Convert a FASTA file of a transcriptome into a FASTA and GTF suitable for a STAR database. Particularly useful for single-cell analysis when no genome assembly is available.
A very simple, very short script that takes a FASTA file as input and outputs a new FASTA file with a ".ref" suffix added to seach sequence name and GTF with a single exon transcript covering the entire length of each sequence, retaining the original transcript name.
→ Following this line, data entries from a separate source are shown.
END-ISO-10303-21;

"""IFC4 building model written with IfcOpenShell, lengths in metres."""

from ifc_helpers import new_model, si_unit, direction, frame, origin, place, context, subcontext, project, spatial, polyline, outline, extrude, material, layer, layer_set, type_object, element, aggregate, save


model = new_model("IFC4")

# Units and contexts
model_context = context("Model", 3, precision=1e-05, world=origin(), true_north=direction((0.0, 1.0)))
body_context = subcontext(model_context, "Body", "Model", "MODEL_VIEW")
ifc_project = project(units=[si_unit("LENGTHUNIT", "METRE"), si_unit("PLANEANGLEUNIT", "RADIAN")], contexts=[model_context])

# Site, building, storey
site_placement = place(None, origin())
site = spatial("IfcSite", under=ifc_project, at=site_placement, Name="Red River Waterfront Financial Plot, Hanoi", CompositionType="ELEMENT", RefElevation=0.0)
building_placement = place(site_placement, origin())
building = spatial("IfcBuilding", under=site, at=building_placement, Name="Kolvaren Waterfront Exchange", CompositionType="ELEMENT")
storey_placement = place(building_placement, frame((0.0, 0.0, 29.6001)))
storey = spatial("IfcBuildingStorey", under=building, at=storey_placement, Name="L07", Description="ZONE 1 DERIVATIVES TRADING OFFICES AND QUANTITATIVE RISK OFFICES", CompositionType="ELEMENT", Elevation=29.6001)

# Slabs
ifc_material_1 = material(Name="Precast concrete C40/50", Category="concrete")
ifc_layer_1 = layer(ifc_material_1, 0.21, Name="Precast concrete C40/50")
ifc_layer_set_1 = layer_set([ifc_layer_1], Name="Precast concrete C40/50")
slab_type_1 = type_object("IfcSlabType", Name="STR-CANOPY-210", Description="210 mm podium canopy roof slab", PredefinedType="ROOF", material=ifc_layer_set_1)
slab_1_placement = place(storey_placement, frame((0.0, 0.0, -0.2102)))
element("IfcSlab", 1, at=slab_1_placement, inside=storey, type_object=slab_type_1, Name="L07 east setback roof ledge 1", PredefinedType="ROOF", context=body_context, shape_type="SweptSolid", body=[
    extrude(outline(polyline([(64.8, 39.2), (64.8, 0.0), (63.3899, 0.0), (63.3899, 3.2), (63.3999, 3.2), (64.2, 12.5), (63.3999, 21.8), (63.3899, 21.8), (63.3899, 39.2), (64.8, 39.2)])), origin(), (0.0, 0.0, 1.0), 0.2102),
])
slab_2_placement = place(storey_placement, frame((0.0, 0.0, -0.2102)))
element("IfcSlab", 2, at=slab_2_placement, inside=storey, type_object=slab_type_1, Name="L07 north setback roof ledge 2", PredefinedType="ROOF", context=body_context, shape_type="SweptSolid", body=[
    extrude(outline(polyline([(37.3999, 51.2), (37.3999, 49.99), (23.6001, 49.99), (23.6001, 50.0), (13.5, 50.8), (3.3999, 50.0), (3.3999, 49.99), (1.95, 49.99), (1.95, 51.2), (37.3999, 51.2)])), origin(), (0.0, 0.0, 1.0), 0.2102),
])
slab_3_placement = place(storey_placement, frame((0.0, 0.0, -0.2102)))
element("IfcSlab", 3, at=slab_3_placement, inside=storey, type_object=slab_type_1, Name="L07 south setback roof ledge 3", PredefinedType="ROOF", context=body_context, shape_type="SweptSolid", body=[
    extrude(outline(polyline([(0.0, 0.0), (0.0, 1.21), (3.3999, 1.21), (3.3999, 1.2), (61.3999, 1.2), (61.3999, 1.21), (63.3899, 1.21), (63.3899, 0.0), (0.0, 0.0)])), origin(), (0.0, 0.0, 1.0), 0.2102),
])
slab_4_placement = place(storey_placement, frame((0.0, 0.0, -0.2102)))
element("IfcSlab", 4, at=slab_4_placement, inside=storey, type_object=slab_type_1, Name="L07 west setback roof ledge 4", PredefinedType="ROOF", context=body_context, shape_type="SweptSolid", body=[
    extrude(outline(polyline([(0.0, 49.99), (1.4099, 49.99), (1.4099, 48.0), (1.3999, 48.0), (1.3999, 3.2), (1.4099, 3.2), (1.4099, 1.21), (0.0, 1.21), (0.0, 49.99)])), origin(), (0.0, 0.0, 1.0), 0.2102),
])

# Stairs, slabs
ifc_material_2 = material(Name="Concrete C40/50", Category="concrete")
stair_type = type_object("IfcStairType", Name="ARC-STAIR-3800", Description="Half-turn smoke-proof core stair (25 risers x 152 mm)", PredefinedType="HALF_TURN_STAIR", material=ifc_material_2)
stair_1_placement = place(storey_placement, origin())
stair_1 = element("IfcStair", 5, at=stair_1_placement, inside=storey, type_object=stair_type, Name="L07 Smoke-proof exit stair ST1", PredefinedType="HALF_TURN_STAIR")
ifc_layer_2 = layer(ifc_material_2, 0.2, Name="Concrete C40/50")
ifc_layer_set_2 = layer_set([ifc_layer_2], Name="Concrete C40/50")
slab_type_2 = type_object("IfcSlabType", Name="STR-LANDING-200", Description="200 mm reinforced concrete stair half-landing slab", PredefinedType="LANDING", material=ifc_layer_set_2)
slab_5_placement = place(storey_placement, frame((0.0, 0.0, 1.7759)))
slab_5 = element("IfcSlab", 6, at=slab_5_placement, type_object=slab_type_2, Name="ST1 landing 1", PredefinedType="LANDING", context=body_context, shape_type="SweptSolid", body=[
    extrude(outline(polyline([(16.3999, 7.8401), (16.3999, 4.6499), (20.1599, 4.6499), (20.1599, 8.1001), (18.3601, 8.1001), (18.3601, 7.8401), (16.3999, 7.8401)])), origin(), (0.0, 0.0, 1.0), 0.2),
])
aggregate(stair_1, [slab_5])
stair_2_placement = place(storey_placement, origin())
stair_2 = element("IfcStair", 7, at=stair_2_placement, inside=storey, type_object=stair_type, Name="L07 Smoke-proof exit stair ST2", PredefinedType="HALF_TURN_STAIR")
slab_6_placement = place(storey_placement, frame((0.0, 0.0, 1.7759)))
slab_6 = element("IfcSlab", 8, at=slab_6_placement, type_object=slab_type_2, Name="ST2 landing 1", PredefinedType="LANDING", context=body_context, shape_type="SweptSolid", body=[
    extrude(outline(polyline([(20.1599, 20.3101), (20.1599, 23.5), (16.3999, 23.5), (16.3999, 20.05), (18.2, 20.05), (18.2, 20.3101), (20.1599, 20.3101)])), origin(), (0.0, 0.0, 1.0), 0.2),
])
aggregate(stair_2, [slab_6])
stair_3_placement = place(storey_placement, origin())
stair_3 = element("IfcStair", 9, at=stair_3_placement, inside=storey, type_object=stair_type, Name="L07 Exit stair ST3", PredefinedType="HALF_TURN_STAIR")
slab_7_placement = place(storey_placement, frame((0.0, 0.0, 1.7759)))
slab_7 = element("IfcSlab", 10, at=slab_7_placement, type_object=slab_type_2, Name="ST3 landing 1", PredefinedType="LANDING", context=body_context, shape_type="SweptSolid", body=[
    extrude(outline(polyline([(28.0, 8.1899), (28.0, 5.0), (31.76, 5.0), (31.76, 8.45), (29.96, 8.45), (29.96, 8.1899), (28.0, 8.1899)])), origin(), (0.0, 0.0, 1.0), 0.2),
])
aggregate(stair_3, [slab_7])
This output is suitable for creating a STAR database as required by many single cell and RNAseq analysis pipelines.
Most single cell pipelines prefer non-redundant sequences and so I usually select the isoform with the longest CDS for each gene before creating a reference.
Originally written for Benham-Pyle 2021, PMID: 34475533.
Usage: python transcriptome2star.py <fasta_in> <gtf_out> <fasta_out>
Example STAR indexing command:
STAR --runThreadN 8 --runMode genomeGenerate --genomeDir star_index --genomeFastaFiles fasta.ref.fa --sjdbGTFfile fasta.ref.gtf --sjdbOverhang 99 --genomeSAindexNbases 11
Question: Why does this 100 line script need it's own repository?
Answer: I have been asked for this script or output from it dozens of times over the last decade and shared it ad hoc. When it was suggested that I make a repository, I wondered why I hadn't made it years ago. While this solution is simple, it is often non-obvious.